Akhirnya dapat kita simpulkan bahwa aspek-aspek yang merupakan tantangan bagi kaum Quraysy pada saat turunnya keempat ayat tersebut adalah aspek bahasa. Sedangkan bila tantangan itu diaplikasikan pada masa sekarang ini maka tentu seluruh aspek kemukjizatannya harus dipenuhi.
Menurut kebanyakan para ulama dan sarjana-sarjana Muslim maupun non Muslim, surah At-at-Thur ayat 34 merupakan tantangan pertama, untuk membuat seprti Alquran secara keseluruhan, yang disusul dengan surah Hud ayat 13 dengan sepuluh surat saja, dan surah Yunus ayat 37 dengan satu surat yang kemudian diulangi pada surat al-Baqarah dengan tingkat kemiripan yang lebih sedikit dari tantangan pada surah Yunus.

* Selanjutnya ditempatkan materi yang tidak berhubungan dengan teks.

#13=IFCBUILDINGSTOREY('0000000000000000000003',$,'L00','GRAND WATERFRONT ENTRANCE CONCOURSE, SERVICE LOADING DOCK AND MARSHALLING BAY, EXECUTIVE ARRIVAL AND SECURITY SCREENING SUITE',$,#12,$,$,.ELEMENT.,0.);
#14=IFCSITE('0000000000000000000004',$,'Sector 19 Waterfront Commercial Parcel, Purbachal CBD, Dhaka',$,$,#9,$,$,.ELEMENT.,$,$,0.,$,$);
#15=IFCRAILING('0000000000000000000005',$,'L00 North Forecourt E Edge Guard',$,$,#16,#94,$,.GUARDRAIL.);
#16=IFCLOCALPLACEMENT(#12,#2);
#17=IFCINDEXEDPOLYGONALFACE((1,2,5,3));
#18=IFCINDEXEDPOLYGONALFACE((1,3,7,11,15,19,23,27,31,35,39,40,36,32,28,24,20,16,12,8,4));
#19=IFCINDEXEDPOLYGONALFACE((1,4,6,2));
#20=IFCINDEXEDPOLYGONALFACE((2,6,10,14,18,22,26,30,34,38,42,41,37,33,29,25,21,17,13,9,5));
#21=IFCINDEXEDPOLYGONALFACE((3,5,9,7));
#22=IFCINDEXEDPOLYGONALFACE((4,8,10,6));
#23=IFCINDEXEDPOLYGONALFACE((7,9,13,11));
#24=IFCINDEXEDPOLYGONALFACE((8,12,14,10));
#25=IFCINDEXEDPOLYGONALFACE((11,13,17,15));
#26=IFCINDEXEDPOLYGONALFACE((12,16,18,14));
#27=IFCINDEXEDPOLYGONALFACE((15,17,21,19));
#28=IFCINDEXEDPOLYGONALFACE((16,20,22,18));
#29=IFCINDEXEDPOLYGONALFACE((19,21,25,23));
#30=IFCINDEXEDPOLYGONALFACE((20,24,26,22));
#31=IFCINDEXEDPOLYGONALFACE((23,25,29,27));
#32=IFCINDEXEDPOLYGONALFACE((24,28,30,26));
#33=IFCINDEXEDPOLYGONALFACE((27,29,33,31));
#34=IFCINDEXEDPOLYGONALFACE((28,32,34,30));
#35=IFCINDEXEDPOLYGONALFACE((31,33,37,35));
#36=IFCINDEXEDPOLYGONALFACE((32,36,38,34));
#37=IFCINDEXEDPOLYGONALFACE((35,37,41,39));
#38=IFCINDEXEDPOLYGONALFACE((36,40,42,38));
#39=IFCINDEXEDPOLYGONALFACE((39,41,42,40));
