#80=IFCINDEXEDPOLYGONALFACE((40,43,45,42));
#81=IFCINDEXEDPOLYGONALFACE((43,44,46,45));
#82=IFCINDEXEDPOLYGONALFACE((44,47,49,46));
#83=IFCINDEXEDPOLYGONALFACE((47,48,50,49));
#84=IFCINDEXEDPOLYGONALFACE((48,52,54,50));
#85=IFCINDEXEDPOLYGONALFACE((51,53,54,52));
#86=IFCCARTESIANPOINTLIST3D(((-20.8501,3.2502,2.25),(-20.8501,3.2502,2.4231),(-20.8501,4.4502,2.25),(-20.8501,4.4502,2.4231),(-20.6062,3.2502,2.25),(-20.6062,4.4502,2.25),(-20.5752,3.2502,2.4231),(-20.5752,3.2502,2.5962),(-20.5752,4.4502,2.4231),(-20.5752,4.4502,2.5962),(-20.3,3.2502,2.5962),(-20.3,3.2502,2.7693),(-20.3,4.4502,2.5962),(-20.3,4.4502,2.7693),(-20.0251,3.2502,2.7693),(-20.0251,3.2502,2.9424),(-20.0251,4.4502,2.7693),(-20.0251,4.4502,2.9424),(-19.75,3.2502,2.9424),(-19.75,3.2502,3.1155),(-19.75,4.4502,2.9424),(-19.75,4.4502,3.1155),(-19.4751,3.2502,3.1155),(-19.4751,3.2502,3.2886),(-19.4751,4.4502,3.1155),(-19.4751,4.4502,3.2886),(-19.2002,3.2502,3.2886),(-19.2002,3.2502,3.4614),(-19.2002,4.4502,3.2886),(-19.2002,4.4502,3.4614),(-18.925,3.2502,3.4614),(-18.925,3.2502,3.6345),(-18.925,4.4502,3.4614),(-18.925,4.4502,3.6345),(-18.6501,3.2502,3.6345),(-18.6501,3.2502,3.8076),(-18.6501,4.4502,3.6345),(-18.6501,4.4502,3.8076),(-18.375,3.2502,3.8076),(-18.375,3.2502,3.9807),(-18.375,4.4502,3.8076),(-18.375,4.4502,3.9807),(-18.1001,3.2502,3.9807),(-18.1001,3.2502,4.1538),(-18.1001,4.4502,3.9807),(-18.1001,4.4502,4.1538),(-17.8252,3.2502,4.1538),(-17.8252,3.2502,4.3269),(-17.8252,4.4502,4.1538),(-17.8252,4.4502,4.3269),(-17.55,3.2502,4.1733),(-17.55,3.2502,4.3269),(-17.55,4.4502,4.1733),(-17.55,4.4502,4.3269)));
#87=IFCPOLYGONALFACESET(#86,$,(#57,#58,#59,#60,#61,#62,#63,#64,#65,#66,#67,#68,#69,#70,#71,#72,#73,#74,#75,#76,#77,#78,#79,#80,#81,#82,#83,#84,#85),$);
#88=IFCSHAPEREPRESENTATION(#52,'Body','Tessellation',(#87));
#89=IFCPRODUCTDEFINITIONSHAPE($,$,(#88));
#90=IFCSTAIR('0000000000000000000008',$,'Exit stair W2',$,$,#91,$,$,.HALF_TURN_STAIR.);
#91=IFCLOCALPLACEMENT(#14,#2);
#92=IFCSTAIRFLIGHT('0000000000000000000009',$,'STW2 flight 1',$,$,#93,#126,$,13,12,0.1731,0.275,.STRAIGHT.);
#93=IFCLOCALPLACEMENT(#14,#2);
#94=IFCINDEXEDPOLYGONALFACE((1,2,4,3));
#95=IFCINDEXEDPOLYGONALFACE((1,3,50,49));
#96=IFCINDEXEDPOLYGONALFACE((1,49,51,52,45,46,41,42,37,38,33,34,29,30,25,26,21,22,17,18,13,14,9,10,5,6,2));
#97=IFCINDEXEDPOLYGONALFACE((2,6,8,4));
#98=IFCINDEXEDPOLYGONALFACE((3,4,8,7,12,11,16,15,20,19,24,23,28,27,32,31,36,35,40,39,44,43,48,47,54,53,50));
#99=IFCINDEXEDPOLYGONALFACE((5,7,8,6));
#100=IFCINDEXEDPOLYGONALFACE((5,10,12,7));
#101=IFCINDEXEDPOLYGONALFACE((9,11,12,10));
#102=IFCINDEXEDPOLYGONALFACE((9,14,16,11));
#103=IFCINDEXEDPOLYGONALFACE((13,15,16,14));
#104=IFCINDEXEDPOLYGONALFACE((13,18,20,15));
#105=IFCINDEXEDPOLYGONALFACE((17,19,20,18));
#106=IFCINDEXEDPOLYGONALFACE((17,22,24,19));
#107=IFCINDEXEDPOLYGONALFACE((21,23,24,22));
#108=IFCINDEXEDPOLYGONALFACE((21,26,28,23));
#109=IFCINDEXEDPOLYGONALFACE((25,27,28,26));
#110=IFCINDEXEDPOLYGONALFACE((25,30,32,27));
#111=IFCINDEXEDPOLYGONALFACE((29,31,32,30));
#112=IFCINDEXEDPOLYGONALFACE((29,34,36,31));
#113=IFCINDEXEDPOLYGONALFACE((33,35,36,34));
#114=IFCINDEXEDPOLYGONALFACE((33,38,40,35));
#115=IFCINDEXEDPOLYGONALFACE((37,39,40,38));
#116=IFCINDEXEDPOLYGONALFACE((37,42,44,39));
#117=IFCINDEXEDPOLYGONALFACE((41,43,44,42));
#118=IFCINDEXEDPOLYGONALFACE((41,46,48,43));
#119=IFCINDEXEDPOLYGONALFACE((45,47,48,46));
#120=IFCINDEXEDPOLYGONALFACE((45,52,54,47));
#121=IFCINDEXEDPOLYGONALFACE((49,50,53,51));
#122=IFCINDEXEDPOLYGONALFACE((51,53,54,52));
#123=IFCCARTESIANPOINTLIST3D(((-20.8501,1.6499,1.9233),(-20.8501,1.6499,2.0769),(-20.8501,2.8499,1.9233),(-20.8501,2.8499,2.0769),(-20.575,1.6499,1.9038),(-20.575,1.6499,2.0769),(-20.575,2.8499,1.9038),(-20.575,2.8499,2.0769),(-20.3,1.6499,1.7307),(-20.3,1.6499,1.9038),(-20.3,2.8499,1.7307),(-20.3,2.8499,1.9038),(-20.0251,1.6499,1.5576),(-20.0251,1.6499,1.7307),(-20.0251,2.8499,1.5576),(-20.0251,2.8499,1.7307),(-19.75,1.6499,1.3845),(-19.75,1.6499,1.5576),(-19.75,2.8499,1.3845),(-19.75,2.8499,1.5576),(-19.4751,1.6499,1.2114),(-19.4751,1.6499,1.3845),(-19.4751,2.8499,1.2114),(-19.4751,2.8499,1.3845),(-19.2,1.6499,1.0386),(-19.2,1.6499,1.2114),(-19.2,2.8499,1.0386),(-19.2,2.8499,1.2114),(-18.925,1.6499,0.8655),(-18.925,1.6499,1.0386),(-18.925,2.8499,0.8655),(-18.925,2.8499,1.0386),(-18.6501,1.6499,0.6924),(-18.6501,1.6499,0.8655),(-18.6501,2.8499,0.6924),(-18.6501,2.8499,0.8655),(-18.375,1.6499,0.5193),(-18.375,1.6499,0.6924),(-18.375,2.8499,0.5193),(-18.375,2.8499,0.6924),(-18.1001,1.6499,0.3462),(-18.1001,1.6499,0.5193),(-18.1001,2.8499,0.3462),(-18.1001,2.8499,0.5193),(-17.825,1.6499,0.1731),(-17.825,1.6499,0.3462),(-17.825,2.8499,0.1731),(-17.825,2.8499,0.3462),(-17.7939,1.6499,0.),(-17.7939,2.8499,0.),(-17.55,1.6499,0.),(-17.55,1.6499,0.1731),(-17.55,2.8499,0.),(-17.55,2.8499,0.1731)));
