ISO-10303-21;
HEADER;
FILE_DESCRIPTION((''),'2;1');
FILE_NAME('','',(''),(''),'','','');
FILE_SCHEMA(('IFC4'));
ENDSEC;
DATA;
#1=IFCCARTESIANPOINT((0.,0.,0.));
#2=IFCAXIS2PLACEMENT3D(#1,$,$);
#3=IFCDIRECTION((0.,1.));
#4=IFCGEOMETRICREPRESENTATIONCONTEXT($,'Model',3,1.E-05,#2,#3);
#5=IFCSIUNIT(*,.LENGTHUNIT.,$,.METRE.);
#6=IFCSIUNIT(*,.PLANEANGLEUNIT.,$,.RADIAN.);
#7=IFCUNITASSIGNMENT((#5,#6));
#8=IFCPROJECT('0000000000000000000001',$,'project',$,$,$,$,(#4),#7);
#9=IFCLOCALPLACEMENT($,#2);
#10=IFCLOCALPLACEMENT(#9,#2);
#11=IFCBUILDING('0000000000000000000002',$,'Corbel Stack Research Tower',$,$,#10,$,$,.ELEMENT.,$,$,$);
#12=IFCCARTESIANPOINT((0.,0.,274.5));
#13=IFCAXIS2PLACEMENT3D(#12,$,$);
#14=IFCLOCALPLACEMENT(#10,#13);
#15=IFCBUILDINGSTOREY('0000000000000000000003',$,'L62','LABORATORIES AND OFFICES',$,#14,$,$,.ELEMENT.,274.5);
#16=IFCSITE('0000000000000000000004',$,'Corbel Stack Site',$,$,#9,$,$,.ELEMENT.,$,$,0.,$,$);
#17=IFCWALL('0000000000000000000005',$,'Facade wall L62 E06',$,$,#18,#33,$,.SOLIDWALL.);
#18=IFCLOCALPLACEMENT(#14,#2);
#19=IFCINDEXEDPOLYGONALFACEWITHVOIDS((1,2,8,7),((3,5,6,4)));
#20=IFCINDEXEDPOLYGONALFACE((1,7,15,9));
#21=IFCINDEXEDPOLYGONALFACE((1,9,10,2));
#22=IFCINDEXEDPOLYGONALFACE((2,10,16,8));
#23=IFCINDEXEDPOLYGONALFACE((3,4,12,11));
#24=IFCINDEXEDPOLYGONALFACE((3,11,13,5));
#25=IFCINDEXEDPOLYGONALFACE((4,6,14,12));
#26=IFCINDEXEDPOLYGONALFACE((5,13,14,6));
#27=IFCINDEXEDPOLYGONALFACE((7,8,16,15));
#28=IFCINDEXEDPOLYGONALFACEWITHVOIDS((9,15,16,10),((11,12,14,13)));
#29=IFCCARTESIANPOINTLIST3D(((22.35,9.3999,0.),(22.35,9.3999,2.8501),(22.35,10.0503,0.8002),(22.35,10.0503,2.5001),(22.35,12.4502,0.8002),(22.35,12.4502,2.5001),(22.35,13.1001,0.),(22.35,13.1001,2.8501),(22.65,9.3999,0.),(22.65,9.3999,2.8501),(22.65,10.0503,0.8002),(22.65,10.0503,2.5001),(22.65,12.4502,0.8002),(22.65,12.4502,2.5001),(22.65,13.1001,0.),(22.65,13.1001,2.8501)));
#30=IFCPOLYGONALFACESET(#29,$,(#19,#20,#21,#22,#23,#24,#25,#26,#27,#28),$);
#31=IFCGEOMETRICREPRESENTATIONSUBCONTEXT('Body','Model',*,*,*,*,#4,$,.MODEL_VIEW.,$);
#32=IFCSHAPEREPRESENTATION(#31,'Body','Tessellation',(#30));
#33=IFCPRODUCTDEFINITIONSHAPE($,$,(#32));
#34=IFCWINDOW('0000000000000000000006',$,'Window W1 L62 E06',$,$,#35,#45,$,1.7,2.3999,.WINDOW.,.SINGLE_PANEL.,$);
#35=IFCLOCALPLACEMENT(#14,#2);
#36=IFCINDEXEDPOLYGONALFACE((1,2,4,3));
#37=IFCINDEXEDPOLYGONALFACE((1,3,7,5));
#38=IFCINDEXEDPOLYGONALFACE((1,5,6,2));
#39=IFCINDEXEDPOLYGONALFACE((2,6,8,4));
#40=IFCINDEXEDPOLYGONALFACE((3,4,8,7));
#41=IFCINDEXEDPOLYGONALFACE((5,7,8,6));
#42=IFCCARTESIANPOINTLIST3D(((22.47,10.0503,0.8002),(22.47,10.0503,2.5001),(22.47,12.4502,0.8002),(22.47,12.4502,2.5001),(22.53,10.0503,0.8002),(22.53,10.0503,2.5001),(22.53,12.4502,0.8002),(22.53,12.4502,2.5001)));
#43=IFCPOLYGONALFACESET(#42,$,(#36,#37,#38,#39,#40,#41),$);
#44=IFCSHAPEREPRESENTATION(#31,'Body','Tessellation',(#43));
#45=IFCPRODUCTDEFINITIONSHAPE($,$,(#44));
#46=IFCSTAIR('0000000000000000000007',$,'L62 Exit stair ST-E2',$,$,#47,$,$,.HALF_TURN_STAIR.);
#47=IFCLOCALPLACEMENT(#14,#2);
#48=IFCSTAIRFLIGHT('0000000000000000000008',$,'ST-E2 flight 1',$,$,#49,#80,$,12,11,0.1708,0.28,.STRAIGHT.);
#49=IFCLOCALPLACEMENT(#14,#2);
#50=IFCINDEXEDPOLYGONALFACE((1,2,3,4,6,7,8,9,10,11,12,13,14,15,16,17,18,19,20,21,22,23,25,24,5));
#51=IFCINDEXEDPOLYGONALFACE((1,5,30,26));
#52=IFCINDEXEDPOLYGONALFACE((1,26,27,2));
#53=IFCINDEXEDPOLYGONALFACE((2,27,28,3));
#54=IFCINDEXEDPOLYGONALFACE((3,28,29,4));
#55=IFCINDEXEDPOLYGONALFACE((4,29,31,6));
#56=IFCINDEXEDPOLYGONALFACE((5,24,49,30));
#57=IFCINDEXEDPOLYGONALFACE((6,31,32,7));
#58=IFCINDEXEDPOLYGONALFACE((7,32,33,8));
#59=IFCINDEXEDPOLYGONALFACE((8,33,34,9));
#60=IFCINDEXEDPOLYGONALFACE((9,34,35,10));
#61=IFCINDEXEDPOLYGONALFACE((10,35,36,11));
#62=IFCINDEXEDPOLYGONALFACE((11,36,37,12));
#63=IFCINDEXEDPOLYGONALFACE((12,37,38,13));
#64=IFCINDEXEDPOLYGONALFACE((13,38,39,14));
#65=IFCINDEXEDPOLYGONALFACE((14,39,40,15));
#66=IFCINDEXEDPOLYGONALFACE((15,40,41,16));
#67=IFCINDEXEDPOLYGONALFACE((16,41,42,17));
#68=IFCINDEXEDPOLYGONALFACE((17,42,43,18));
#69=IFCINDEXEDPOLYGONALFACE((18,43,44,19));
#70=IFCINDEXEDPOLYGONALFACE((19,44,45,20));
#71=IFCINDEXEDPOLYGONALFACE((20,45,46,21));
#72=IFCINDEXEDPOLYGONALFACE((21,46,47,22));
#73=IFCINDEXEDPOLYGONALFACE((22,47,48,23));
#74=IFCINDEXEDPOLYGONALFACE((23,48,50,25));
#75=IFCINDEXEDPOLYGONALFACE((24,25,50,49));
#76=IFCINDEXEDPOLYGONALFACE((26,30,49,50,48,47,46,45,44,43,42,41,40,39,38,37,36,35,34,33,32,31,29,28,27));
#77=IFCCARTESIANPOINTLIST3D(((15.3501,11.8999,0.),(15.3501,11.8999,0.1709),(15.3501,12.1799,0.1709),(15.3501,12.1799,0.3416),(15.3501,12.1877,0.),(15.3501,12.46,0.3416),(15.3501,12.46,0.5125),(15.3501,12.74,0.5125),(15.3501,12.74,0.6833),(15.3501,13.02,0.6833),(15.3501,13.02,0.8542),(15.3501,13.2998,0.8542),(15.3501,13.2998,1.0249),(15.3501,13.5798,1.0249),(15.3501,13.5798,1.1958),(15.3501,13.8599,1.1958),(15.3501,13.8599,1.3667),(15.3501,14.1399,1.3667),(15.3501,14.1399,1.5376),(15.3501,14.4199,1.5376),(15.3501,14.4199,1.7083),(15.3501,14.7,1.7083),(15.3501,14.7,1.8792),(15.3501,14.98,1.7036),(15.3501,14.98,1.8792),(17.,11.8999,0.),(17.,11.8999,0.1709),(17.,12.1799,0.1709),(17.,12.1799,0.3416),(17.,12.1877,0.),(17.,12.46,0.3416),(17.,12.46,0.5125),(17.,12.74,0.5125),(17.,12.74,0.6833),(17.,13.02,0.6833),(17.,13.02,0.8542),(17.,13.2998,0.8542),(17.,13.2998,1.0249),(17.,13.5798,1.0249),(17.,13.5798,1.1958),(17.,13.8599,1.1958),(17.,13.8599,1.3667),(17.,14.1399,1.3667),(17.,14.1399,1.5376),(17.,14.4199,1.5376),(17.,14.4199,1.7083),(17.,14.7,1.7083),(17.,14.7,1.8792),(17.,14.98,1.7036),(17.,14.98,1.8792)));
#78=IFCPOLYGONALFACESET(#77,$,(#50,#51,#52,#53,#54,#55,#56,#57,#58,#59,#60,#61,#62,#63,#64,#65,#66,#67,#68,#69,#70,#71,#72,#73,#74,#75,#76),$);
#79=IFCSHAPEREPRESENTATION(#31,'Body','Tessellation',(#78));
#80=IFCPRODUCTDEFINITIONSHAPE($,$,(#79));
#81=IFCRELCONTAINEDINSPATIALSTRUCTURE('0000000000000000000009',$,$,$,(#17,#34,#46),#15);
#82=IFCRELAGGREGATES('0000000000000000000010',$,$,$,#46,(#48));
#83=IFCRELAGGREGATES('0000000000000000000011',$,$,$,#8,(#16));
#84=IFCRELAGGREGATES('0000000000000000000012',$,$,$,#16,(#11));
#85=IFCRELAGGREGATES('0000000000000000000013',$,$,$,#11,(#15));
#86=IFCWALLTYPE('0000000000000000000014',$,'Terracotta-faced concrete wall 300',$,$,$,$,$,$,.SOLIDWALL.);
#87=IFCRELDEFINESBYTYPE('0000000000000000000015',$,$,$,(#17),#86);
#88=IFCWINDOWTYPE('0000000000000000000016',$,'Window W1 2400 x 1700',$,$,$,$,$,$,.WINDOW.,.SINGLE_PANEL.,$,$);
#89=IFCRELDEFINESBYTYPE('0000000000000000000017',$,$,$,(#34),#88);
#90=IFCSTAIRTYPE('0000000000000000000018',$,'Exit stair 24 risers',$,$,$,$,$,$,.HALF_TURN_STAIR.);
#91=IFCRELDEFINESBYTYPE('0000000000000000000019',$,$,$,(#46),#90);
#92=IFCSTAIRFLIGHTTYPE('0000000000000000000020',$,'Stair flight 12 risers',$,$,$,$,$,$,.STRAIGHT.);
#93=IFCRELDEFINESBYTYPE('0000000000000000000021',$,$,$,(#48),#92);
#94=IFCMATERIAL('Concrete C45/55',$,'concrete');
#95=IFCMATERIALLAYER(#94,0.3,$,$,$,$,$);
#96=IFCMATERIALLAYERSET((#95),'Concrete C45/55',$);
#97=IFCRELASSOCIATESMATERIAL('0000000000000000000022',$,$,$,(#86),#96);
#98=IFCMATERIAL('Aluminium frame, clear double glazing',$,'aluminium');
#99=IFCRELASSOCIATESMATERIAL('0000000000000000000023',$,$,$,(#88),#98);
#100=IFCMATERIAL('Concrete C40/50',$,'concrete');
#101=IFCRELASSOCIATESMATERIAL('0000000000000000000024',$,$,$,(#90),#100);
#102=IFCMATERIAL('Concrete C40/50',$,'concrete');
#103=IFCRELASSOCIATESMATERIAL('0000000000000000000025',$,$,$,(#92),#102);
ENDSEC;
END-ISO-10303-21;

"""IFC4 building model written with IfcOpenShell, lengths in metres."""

from ifc_helpers import new_model, si_unit, direction, frame, frame_2d, origin, place, context, subcontext, project, spatial, polyline, rectangle, outline, extrude, material, layer, layer_set, type_object, element, fill, aggregate, save


model = new_model("IFC4")

# Units and contexts
model_context = context("Model", 3, precision=1e-05, world=origin(), true_north=direction((0.0, 1.0)))
body_context = subcontext(model_context, "Body", "Model", "MODEL_VIEW")
ifc_project = project(units=[si_unit("LENGTHUNIT", "METRE"), si_unit("PLANEANGLEUNIT", "RADIAN")], contexts=[model_context])

# Site, building, storey
site_placement = place(None, origin())
site = spatial("IfcSite", under=ifc_project, at=site_placement, Name="Corbel Stack Site", CompositionType="ELEMENT", RefElevation=0.0)
building_placement = place(site_placement, origin())
building = spatial("IfcBuilding", under=site, at=building_placement, Name="Corbel Stack Research Tower", CompositionType="ELEMENT")
storey_placement = place(building_placement, frame((0.0, 0.0, 274.5)))
storey = spatial("IfcBuildingStorey", under=building, at=storey_placement, Name="L62", Description="LABORATORIES AND OFFICES", CompositionType="ELEMENT", Elevation=274.5)

# Wall, opening, window
ifc_material_1 = material(Name="Concrete C45/55", Category="concrete")
ifc_layer_1 = layer(ifc_material_1, 0.3)
ifc_layer_set_1 = layer_set([ifc_layer_1], Name="Concrete C45/55")
wall_type = type_object("IfcWallType", Name="Terracotta-faced concrete wall 300", PredefinedType="SOLIDWALL", material=ifc_layer_set_1)
ifc_material_2 = material(Name="Aluminium frame, clear double glazing", Category="aluminium")
window_type = type_object("IfcWindowType", Name="Window W1 2400 x 1700", PartitioningType="SINGLE_PANEL", PredefinedType="WINDOW", material=ifc_material_2)
wall_1_placement = place(storey_placement, frame((22.5, 13.1001, 0.0), z_axis=(0.0, 0.0, 1.0), x_axis=(0.0, -1.0, 0.0)))
wall_1 = element("IfcWall", 1, at=wall_1_placement, inside=storey, type_object=wall_type, Name="Facade wall L62 E06", PredefinedType="SOLIDWALL", context=body_context, shape_type="SweptSolid", body=[
    extrude(rectangle(XDim=3.7002, YDim=0.3, at=frame_2d((1.8501, 0.0))), origin(), (0.0, 0.0, 1.0), 2.8501),
])
opening_1_placement = place(wall_1_placement, frame((0.6499, 0.0, 0.8)))
opening_1 = element("IfcOpeningElement", 2, at=opening_1_placement, cuts=wall_1, PredefinedType="OPENING", context=body_context, shape_type="SweptSolid", body=[
    extrude(rectangle(XDim=2.3999, YDim=1.7, at=frame_2d((1.2, 0.8501))), frame((0.0, 0.1599, 0.0), z_axis=(0.0, -1.0, 0.0), x_axis=(1.0, 0.0, 0.0)), (0.0, 0.0, 1.0), 0.3201),
])
window_1_placement = place(opening_1_placement, origin())
window_1 = element("IfcWindow", 3, at=window_1_placement, inside=storey, type_object=window_type, Name="Window W1 L62 E06", OverallHeight=1.7, OverallWidth=2.3999, PartitioningType="SINGLE_PANEL", PredefinedType="WINDOW", context=body_context, shape_type="SweptSolid", body=[
    extrude(rectangle(XDim=2.3999, YDim=1.7, at=frame_2d((1.2, 0.8501))), frame((0.0, 0.03, 0.0), z_axis=(0.0, -1.0, 0.0), x_axis=(1.0, 0.0, 0.0)), (0.0, 0.0, 1.0), 0.0601),
])
fill(opening_1, window_1)

# Stair, stair flight
ifc_material_3 = material(Name="Concrete C40/50", Category="concrete")
stair_type = type_object("IfcStairType", Name="Exit stair 24 risers", PredefinedType="HALF_TURN_STAIR", material=ifc_material_3)
stair_placement = place(storey_placement, origin())
stair = element("IfcStair", 4, at=stair_placement, inside=storey, type_object=stair_type, Name="L62 Exit stair ST-E2", PredefinedType="HALF_TURN_STAIR")
ifc_material_4 = material(Name="Concrete C40/50", Category="concrete")
stair_flight_type = type_object("IfcStairFlightType", Name="Stair flight 12 risers", PredefinedType="STRAIGHT", material=ifc_material_4)
stair_flight_placement = place(storey_placement, frame((16.175, 11.8999, 0.0), z_axis=(0.0, 0.0, 1.0), x_axis=(0.0, 1.0, 0.0)))
stair_flight = element("IfcStairFlight", 5, at=stair_flight_placement, type_object=stair_flight_type, Name="ST-E2 flight 1", NumberOfRisers=12, NumberOfTreads=11, PredefinedType="STRAIGHT", RiserHeight=0.1708, TreadLength=0.28, context=body_context, shape_type="SweptSolid", body=[
    extrude(outline(polyline([(0.0, 0.0), (0.0, 0.1709), (0.28, 0.1709), (0.28, 0.3416), (0.5601, 0.3416), (0.5601, 0.5125), (0.8401, 0.5125), (0.8401, 0.6833), (1.1201, 0.6833), (1.1201, 0.8542), (1.3999, 0.8542), (1.3999, 1.0249), (1.6799, 1.0249), (1.6799, 1.1958), (1.96, 1.1958), (1.96, 1.3667), (2.24, 1.3667), (2.24, 1.5376), (2.52, 1.5376), (2.52, 1.7083), (2.8, 1.7083), (2.8, 1.8792), (3.0801, 1.8792), (3.0801, 2.05), (3.0801, 1.7036), (0.2878, 0.0), (0.0, 0.0)])), frame((0.0, 0.825, 0.0), z_axis=(0.0, -1.0, 0.0), x_axis=(1.0, 0.0, 0.0)), (0.0, 0.0, 1.0), 1.6499),
])
aggregate(stair, [stair_flight])

save(model, "model.ifc")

Tapi bila dilihat susunan surah berdasarkan Mushaf Utsmani, maka urutannya tidaklah seperti yang diatas, hikmah penyususnan surat-surat seperti dalam Mushaf Utsmani dalam kaitannya dengan urutan tantangan ini belum penulis temui dalam beberapa literatur. Begitu juga dengan waktu jeda satu ayat dengan ayat lainnya, karena disamping untuk mencari jarak waktu turunnya yang sangat sulit, mencari urutan turunnya unit ayat orisinal saja sangat susah untuk didapatkan.
Selanjutnya juga bila kita memperhatikan dan membandingkan empat ayat diatas dalam redaksi Alquran terjemahan Departemen Agama, kita akan menemukan ke-tidakjelasan perbedaajn arti antara surah al-Baqarah ayat 24 dengan surah Yunus ayat 38. para penerjemah yang bekerja di bawah koordinasi Departmen Agama ini tidak memberikan arti yang begitu berbeda antara kedua ayat tersebut. Kaladu dalam surah al-Baqarah dikatakan: buatlah satu surah saja yang semisal Alqur’an itu”, sementara dalam surah Yunus diartikan:”maka cobalah datangkan sebuah surat seumpamanya”. Kita tidak bisa membedakan yang mana yang merupakan tantangan yang paling berat diantara kedua surah ini jika hanya berpegangan kepada Alquran terjemahan Depratemen Agama.